3. Any dog which bites, inflicts injury, assaults or otherwise attacks a human being OR domestic animal without provocation on public or private property.
Who can be granted a dangerous dog hearing:
§ 123. Dangerous dogs.
-Any person who witnesses an attack or threatened attack, or in the case of a minor, an adult acting on behalf of such minor, may, and any dog control officer or police officer as provided in subdivision one of this section shall, make a complaint under oath or affirmation to any municipal judge or justice of such attack or threatened attack. Thereupon, the judge or justice shall immediately determine if there is probable cause to believe the dog is a dangerous dog and, if so, shall issue an order to any dog control officer, peace officer, acting pursuant to his or her special duties, or police officer directing such officer to immediately seize such dog and hold the same pending judicial determination as provided in this section. Whether or not the judge or justice finds there is probable cause for such seizure, he or she shall, within five days and upon written notice of not less than two days to the owner of the dog, hold a hearing on the complaint.
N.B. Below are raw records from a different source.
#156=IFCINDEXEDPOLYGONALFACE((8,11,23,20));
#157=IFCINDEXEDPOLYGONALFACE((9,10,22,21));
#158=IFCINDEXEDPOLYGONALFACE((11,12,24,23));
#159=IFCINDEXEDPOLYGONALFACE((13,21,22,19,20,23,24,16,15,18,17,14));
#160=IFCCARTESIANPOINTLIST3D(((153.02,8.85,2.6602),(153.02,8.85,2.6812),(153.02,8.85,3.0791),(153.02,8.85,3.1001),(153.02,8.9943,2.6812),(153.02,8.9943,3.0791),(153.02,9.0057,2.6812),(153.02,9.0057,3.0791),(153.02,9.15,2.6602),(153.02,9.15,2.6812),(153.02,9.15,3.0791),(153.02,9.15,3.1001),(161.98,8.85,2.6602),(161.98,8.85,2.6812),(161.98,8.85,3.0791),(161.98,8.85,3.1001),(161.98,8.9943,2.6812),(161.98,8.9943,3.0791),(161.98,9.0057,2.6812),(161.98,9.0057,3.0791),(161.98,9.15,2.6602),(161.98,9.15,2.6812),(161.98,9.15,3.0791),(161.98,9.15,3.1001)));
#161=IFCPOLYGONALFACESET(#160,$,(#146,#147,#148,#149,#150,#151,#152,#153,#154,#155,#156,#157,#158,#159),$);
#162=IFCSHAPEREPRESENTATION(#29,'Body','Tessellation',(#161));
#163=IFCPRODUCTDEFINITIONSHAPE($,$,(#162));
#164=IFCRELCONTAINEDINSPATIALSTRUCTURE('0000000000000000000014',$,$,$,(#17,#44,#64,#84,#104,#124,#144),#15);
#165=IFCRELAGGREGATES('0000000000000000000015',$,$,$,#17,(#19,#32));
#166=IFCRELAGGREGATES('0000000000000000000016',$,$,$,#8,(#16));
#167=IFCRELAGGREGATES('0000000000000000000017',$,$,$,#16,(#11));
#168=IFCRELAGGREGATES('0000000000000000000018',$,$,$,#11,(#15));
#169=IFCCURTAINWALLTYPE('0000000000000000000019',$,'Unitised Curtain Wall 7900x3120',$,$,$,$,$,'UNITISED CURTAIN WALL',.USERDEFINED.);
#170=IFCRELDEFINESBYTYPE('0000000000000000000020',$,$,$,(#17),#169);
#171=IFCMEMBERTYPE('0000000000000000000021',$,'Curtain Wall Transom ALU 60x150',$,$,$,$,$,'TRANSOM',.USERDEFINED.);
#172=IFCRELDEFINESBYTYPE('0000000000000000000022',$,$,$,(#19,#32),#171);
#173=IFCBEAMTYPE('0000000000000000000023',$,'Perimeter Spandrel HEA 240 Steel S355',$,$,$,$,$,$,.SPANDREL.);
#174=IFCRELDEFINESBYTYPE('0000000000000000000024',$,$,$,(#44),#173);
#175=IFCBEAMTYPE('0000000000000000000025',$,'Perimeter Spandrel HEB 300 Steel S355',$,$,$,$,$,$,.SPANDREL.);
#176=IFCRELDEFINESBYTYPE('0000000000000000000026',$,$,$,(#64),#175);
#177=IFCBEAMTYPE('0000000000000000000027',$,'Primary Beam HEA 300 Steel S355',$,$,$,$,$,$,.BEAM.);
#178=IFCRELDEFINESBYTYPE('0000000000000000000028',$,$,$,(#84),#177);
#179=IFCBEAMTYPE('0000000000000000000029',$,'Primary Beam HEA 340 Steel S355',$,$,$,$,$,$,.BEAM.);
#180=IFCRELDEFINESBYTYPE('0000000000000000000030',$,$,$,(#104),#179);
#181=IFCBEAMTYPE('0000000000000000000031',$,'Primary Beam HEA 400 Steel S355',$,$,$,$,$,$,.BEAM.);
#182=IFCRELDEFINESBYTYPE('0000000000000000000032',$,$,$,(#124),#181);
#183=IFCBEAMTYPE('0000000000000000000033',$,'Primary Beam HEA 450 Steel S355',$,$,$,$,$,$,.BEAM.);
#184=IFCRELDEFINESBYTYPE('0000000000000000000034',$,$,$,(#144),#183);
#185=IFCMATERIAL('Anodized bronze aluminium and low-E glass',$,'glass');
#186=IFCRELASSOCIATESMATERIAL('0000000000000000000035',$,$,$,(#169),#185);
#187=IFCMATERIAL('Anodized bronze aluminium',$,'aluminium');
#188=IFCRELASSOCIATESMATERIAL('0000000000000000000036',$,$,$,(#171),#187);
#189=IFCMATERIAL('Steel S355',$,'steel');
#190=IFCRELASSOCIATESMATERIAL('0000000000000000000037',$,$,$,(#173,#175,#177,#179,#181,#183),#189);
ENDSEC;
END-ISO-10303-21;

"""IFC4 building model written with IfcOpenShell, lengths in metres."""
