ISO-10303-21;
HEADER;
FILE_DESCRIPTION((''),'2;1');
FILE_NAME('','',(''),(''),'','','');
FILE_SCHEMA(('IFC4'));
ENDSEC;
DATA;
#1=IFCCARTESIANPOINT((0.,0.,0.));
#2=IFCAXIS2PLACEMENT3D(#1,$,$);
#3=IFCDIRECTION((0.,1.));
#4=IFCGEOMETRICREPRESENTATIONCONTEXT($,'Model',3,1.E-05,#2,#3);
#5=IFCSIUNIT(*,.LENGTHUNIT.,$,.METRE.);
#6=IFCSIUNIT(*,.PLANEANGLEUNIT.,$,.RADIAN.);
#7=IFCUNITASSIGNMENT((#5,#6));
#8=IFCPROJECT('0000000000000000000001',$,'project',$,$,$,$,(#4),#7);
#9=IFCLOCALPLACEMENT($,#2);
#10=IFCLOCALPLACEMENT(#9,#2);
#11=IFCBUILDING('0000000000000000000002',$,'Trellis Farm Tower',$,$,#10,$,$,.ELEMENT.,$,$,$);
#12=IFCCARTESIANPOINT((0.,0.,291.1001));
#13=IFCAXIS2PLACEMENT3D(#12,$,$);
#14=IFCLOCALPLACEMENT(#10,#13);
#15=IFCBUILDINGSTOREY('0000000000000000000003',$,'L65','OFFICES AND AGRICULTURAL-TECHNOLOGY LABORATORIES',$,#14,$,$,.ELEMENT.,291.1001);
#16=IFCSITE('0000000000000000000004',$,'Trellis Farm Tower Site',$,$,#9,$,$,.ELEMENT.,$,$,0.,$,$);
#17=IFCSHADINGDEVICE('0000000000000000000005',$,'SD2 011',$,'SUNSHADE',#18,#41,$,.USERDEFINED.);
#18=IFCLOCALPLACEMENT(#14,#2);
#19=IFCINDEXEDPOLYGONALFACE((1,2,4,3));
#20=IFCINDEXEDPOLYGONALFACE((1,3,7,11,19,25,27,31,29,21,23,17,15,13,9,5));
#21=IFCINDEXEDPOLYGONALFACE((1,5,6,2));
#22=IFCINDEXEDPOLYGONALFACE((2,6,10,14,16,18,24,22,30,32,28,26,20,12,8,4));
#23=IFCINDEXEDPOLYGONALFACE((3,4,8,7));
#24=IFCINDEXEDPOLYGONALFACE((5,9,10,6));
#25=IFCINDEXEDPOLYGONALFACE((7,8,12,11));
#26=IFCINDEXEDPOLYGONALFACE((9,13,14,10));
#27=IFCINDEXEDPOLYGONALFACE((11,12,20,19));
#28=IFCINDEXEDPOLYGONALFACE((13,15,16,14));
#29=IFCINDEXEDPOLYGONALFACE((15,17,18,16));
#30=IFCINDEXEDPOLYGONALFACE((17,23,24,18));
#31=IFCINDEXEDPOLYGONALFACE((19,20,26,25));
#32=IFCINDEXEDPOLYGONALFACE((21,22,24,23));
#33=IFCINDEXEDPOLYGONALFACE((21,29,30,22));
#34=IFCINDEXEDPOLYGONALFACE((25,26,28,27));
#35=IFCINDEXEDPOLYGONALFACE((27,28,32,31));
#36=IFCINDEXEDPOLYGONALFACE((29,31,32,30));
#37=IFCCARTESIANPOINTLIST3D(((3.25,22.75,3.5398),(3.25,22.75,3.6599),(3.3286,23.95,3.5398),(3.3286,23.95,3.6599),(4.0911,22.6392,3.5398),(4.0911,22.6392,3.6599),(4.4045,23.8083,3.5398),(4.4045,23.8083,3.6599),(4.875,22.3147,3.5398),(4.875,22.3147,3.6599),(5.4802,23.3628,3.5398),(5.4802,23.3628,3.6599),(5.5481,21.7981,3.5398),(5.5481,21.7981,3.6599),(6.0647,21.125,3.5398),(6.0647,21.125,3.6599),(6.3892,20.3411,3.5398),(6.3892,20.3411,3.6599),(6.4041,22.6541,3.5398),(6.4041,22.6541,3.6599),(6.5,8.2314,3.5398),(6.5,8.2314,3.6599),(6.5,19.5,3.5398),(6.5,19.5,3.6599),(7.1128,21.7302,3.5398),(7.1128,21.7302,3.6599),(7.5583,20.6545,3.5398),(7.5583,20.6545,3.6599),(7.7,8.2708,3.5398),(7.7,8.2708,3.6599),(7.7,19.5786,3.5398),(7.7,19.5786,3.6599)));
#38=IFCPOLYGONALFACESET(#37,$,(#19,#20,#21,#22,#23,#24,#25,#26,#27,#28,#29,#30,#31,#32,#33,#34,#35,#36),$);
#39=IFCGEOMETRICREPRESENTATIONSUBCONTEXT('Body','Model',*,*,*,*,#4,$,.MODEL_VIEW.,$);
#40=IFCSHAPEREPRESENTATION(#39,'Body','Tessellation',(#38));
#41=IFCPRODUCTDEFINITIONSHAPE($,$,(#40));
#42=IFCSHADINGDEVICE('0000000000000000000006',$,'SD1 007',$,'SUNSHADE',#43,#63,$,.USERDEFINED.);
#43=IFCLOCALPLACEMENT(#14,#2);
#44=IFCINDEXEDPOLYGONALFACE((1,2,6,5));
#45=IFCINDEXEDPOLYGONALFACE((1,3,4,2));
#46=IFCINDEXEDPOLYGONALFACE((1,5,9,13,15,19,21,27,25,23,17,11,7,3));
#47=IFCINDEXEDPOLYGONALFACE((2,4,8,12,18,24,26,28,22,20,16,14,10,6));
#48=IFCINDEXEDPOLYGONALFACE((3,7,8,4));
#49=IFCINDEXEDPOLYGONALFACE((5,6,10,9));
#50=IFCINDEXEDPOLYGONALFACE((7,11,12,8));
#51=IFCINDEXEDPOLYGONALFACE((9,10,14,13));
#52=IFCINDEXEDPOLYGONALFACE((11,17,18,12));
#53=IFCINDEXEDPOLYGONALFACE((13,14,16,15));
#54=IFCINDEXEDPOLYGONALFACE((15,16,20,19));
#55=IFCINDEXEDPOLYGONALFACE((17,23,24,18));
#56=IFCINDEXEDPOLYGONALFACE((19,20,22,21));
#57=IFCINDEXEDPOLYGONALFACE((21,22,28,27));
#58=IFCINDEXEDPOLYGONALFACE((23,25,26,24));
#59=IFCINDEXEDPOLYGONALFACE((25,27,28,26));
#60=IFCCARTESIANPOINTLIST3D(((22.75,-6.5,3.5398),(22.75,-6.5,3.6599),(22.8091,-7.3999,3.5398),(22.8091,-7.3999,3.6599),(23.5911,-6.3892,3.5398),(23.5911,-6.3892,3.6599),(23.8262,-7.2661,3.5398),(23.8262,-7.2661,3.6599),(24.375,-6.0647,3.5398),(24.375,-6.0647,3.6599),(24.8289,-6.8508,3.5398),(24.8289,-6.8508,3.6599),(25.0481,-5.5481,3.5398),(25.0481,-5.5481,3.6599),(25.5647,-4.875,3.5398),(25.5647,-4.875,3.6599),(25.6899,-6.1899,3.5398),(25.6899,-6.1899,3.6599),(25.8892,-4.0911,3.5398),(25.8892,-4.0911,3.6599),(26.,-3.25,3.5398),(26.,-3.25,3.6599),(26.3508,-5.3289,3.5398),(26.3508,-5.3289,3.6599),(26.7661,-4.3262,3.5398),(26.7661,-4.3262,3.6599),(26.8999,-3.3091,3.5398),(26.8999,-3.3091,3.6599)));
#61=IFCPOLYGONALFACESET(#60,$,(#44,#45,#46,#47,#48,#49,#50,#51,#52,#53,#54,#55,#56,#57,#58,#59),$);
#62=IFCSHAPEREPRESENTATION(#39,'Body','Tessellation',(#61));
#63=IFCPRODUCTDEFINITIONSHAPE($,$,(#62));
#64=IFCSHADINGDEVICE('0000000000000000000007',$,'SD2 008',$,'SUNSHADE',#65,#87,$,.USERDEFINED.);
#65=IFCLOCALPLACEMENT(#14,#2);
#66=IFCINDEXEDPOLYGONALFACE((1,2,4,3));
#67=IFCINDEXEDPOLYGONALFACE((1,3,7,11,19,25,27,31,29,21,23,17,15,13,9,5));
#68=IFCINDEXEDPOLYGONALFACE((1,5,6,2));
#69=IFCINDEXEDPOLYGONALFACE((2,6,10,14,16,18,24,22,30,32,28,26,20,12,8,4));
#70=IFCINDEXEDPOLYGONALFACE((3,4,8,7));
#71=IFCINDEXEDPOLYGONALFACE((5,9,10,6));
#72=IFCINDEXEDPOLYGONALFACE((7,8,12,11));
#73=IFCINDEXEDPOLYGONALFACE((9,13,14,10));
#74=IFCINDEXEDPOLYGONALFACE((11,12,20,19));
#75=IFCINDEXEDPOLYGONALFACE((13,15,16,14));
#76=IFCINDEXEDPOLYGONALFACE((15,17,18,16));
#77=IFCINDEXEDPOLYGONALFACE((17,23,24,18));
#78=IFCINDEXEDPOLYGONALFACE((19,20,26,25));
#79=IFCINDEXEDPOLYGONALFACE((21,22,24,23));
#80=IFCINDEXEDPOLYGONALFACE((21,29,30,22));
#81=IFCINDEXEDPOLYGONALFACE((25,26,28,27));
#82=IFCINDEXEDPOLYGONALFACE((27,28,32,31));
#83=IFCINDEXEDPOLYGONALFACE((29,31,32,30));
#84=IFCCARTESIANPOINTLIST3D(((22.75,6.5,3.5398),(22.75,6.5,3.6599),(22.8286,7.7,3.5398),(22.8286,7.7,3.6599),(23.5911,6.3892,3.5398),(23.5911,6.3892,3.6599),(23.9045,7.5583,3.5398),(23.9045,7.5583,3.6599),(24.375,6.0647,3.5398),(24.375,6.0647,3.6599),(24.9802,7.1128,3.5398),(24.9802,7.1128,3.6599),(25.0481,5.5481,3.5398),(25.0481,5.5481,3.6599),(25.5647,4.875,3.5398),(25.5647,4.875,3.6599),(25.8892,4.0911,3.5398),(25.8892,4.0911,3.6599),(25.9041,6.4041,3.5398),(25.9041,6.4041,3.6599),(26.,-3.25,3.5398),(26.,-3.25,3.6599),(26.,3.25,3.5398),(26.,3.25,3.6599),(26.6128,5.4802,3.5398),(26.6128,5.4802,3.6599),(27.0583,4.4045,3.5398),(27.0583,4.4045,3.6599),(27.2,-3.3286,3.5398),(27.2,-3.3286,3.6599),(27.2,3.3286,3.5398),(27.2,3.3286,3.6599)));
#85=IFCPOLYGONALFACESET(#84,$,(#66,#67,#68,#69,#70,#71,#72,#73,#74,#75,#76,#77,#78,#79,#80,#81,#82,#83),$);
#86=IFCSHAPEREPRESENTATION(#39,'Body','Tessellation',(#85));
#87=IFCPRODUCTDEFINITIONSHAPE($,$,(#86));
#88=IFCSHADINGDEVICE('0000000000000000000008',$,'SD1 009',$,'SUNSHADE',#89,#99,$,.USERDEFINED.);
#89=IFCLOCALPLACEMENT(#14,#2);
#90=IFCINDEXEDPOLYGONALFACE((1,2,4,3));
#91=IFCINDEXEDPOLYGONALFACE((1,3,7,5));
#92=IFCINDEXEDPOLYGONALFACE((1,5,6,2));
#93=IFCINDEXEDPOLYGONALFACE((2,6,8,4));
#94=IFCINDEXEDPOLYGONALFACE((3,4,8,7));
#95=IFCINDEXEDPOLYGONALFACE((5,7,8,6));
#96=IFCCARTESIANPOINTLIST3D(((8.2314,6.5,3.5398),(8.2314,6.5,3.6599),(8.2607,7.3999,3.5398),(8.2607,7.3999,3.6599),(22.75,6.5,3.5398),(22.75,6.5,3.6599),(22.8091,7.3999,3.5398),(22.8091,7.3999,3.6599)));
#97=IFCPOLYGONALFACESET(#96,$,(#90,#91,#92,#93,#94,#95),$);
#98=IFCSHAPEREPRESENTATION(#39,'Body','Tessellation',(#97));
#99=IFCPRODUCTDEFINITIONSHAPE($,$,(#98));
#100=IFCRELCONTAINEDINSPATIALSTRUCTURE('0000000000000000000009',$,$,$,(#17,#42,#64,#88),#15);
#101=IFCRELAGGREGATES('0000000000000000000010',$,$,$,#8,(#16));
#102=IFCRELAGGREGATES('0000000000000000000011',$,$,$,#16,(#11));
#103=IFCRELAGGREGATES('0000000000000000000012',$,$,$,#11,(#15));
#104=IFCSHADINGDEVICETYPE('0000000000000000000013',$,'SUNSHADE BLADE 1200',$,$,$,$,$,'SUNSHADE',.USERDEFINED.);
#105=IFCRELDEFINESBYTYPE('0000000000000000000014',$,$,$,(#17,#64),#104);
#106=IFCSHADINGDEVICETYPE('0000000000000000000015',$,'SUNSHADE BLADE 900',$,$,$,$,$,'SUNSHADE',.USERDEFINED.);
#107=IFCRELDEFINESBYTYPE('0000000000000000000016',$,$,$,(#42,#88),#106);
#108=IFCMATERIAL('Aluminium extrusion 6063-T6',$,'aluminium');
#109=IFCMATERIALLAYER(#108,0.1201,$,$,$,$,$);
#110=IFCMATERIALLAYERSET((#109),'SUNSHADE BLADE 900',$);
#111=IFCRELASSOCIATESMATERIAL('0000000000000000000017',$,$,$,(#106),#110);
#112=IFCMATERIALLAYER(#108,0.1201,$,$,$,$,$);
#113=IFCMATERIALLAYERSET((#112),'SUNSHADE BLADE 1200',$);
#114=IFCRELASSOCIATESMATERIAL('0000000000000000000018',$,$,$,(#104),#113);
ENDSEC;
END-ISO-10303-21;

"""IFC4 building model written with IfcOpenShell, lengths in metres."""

from ifc_helpers import new_model, si_unit, direction, frame, origin, place, context, subcontext, project, spatial, polyline, outline, extrude, source, transform, mapped, material, layer, layer_set, type_object, element, save


model = new_model("IFC4")

# Units and contexts
model_context = context("Model", 3, precision=1e-05, world=origin(), true_north=direction((0.0, 1.0)))
body_context = subcontext(model_context, "Body", "Model", "MODEL_VIEW")
ifc_project = project(units=[si_unit("LENGTHUNIT", "METRE"), si_unit("PLANEANGLEUNIT", "RADIAN")], contexts=[model_context])

# Site, building, storey
site_placement = place(None, origin())
site = spatial("IfcSite", under=ifc_project, at=site_placement, Name="Trellis Farm Tower Site", CompositionType="ELEMENT", RefElevation=0.0)
building_placement = place(site_placement, origin())
building = spatial("IfcBuilding", under=site, at=building_placement, Name="Trellis Farm Tower", CompositionType="ELEMENT")
storey_placement = place(building_placement, frame((0.0, 0.0, 291.1001)))
storey = spatial("IfcBuildingStorey", under=building, at=storey_placement, Name="L65", Description="OFFICES AND AGRICULTURAL-TECHNOLOGY LABORATORIES", CompositionType="ELEMENT", Elevation=291.1001)

# Shared definitions
ifc_material_1 = material(Name="Aluminium extrusion 6063-T6", Category="aluminium")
The petitioner shall have the burden at such hearing to prove the dog is a “dangerous dog” by clear and convincing evidence. If satisfied that the dog is a dangerous dog, the judge or justice shall then order neutering or spaying of the dog, microchipping of the dog and one or more of the following as deemed appropriate under the circumstances and as deemed necessary for the protection of the public:
(a) evaluation of the dog by a certified applied behaviorist, a board certified veterinary behaviorist, or another recognized expert in the field and completion of training or other treatment as deemed appropriate by such expert. The owner of the dog shall be responsible for all costs associated with evaluations and training ordered under this section;
(b) secure, humane confinement of the dog for a period of time and in a manner deemed appropriate by the court but in all instances in a manner designed to: (1) prevent escape of the dog, (2) protect the public from unauthorized contact with the dog, and (3) to protect the dog from the elements pursuant to section three hundred fifty-three-b of this chapter. Such confinement shall not include lengthy periods of tying or chaining;
(c) restraint of the dog on a leash by an adult of at least twenty-one years of age whenever the dog is on public premises;
(d) muzzling the dog whenever it is on public premises in a manner that will prevent it from biting any person or animal, but that shall not injure the dog or interfere with its vision or respiration; or
(e) maintenance of a liability insurance policy in an amount determined by the court, but in no event in excess of one hundred thousand dollars for personal injury or death resulting from an attack by such dangerous dog.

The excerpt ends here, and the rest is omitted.